There has been no suggestion Morgan's companies might default or that lenders are out some money. But two sources with knowledge of the federal investigation say the agents are checking into the data that was presented to obtain loans. Other sources have told The News that the federal agency which oversees Fannie Mae and Freddie Mac also is involved in the probe, because many of the mortgages Morgan's companies obtained were resold to investors on the open market.

Assessing risk

Commercial mortgage investors and ratings firms have been monitoring Morgan's exposure since The News reported the FBI investigation last fall.

Kroll Bond Rating Agency issued a KBRA Credit Profile bulletin to its subscribers, citing 142 loans sponsored by Morgan's companies or backed by properties he owns that could be at risk depending on the outcome of the probe.

The agency tallied total debt of $1.6 billion for Morgan's companies, held in commercial mortgage-backed securities issued through Wall Street firms and Freddie Mac, and purchased by investors. The KBRA report found all 142 loans that it identified as sponsored by Morgan or backed by his properties are current on payments.

The credit ratings firm, which provides recommendations and information to bondholders and loan buyers, was established in 2010 after the residential mortgage crisis exposed weaknesses in how such investments were evaluated.

The Kroll report said the real estate collateral behind the loans is mostly multifamily apartment buildings and self-storage properties.

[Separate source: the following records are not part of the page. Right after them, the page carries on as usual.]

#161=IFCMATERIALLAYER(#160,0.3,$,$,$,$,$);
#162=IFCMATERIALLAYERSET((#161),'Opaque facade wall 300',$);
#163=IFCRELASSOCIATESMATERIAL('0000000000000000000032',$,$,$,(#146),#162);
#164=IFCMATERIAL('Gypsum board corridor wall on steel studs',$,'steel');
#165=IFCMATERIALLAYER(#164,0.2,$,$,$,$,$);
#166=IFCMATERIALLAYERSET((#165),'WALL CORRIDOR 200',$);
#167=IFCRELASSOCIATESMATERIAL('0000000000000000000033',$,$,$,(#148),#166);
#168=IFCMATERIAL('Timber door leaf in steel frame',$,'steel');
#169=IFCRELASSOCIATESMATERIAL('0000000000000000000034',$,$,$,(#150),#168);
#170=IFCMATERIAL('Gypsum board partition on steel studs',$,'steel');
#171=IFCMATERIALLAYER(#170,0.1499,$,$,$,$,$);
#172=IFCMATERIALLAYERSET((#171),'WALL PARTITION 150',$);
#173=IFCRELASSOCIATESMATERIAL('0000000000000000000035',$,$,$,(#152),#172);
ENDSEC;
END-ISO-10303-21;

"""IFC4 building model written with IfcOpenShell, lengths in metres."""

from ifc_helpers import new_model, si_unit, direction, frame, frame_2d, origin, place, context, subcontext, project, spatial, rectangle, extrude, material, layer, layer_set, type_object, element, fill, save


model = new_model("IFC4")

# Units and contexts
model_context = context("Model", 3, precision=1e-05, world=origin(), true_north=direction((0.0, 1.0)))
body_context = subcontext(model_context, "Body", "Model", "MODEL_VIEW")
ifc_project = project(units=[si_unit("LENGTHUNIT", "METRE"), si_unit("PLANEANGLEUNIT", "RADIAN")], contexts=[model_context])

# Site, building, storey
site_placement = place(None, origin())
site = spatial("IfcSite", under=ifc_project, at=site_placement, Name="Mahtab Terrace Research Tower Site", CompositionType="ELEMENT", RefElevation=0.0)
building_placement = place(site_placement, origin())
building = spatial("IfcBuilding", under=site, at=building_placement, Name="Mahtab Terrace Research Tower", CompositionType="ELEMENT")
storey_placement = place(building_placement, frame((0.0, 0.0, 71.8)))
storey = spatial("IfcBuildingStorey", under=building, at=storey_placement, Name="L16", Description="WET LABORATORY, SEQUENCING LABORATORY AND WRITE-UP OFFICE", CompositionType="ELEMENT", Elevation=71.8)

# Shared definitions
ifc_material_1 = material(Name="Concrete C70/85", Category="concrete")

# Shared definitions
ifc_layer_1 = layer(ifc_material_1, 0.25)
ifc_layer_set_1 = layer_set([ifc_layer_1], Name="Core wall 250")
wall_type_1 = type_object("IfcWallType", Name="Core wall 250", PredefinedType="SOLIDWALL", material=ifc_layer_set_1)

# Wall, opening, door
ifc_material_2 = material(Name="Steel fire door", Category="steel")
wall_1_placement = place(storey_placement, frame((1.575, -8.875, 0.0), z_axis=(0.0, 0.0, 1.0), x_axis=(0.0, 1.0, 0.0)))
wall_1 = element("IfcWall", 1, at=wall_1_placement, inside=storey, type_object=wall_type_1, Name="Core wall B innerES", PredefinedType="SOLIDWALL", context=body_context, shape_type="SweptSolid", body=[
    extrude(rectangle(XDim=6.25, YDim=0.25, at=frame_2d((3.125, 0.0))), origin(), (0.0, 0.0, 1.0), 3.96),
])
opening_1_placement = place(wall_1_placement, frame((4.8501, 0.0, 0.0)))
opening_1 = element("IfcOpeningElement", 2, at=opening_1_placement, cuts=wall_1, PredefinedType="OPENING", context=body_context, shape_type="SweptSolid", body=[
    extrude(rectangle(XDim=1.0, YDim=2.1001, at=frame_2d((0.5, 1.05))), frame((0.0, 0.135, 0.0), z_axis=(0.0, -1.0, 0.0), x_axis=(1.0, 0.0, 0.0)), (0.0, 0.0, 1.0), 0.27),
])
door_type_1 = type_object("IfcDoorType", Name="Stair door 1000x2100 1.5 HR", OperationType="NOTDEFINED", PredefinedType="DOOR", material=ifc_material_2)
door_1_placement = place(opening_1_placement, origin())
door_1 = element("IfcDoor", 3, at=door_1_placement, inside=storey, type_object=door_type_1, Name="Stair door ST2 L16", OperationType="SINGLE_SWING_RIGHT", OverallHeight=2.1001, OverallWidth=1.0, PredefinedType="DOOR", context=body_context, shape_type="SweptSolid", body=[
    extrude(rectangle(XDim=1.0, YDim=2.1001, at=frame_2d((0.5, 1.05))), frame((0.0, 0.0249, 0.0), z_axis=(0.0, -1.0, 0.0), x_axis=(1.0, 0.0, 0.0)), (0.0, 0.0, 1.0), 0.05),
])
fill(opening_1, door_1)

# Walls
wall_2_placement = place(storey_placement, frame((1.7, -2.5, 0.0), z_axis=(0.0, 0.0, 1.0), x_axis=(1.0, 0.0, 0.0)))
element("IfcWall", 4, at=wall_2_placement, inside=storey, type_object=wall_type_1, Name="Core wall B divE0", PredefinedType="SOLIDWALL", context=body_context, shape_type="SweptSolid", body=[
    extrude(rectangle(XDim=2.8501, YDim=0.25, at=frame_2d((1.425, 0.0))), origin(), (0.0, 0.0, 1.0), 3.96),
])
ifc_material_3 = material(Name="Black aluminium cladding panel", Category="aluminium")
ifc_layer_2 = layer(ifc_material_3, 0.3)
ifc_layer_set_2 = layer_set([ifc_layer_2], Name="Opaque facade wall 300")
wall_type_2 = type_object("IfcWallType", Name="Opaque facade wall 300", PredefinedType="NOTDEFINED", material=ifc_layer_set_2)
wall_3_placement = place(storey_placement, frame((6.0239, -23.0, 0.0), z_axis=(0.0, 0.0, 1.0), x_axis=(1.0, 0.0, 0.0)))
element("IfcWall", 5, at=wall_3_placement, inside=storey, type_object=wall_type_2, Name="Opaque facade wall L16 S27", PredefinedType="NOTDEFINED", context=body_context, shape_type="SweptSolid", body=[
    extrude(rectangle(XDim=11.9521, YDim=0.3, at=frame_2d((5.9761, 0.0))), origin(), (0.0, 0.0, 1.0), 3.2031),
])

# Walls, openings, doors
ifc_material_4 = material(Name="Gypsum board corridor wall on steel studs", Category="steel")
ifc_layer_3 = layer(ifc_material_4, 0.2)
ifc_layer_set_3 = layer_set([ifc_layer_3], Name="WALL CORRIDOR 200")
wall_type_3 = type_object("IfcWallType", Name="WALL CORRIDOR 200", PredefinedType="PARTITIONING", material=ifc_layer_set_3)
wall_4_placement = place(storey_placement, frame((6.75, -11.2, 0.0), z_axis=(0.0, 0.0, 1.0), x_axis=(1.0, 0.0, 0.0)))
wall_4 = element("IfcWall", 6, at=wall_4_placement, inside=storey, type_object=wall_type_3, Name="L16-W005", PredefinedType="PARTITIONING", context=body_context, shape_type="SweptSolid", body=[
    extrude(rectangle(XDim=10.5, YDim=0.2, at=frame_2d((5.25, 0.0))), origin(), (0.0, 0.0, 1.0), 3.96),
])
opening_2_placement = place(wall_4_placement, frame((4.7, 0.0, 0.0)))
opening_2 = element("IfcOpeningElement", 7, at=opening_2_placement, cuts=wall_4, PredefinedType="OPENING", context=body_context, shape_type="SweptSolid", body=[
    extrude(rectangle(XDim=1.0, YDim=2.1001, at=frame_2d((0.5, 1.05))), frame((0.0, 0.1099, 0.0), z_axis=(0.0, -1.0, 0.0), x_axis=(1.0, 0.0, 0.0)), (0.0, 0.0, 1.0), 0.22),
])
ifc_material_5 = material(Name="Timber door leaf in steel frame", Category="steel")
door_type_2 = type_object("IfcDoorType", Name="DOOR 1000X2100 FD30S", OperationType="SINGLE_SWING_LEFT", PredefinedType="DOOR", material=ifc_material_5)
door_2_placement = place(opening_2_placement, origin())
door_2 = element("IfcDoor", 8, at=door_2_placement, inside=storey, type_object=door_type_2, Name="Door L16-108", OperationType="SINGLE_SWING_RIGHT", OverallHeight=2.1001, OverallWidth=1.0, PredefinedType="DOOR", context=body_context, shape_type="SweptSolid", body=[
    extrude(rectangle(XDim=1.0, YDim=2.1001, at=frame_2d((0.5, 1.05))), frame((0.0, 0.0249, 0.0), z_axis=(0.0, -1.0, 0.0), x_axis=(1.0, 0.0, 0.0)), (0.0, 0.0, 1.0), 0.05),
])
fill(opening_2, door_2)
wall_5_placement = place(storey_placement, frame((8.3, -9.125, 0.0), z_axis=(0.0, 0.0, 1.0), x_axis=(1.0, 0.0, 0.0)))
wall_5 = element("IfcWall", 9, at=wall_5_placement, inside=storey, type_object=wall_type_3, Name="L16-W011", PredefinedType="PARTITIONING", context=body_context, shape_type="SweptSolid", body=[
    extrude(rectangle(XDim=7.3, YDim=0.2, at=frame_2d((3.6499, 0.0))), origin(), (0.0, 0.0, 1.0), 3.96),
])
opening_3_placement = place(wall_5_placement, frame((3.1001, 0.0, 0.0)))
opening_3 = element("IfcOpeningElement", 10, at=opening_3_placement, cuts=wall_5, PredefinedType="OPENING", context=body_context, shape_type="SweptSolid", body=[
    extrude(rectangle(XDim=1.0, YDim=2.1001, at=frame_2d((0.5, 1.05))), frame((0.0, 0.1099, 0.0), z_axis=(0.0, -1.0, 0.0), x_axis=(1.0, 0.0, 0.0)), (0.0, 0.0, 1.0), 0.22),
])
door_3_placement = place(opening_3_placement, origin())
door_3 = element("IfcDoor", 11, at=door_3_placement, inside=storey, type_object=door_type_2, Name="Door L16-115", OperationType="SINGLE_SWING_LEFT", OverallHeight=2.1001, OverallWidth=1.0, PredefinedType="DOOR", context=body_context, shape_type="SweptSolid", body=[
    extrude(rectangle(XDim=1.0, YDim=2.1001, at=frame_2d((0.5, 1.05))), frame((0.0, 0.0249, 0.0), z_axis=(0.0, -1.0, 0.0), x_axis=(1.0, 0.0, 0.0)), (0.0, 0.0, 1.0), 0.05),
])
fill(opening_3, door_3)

They range in size from $1.3 million on a Rochester apartment property to $47.6 million on two apartment complexes in suburban Pittsburgh and Chicago.

A separate report last fall by Trepp cited 150 Morgan-affiliated loans on 204 properties, with 21,530 units in all. They were sold to investors on Wall Street in 81 deals, and totaled $1.677 billion in debt.

Most of the loans are interest-only in payments for their 10-year terms, followed by a balloon payment at the end when such loans are typically refinanced or the properties are sold. About 40 percent, or $874.6 million, are securitized through Freddie Mac.

The reports, whose figures differ based on which transactions they include in their calculations, break out details of each loan and property. None of the loans are currently in default, but Trepp said that five of the loans were already on its "Watchlist."

"If the investigation results in negative findings against the borrower, it could result in future special servicer transfers," Trepp reported at the time, referring to a loan servicer that specializes in troubled debt that is in default or foreclosure.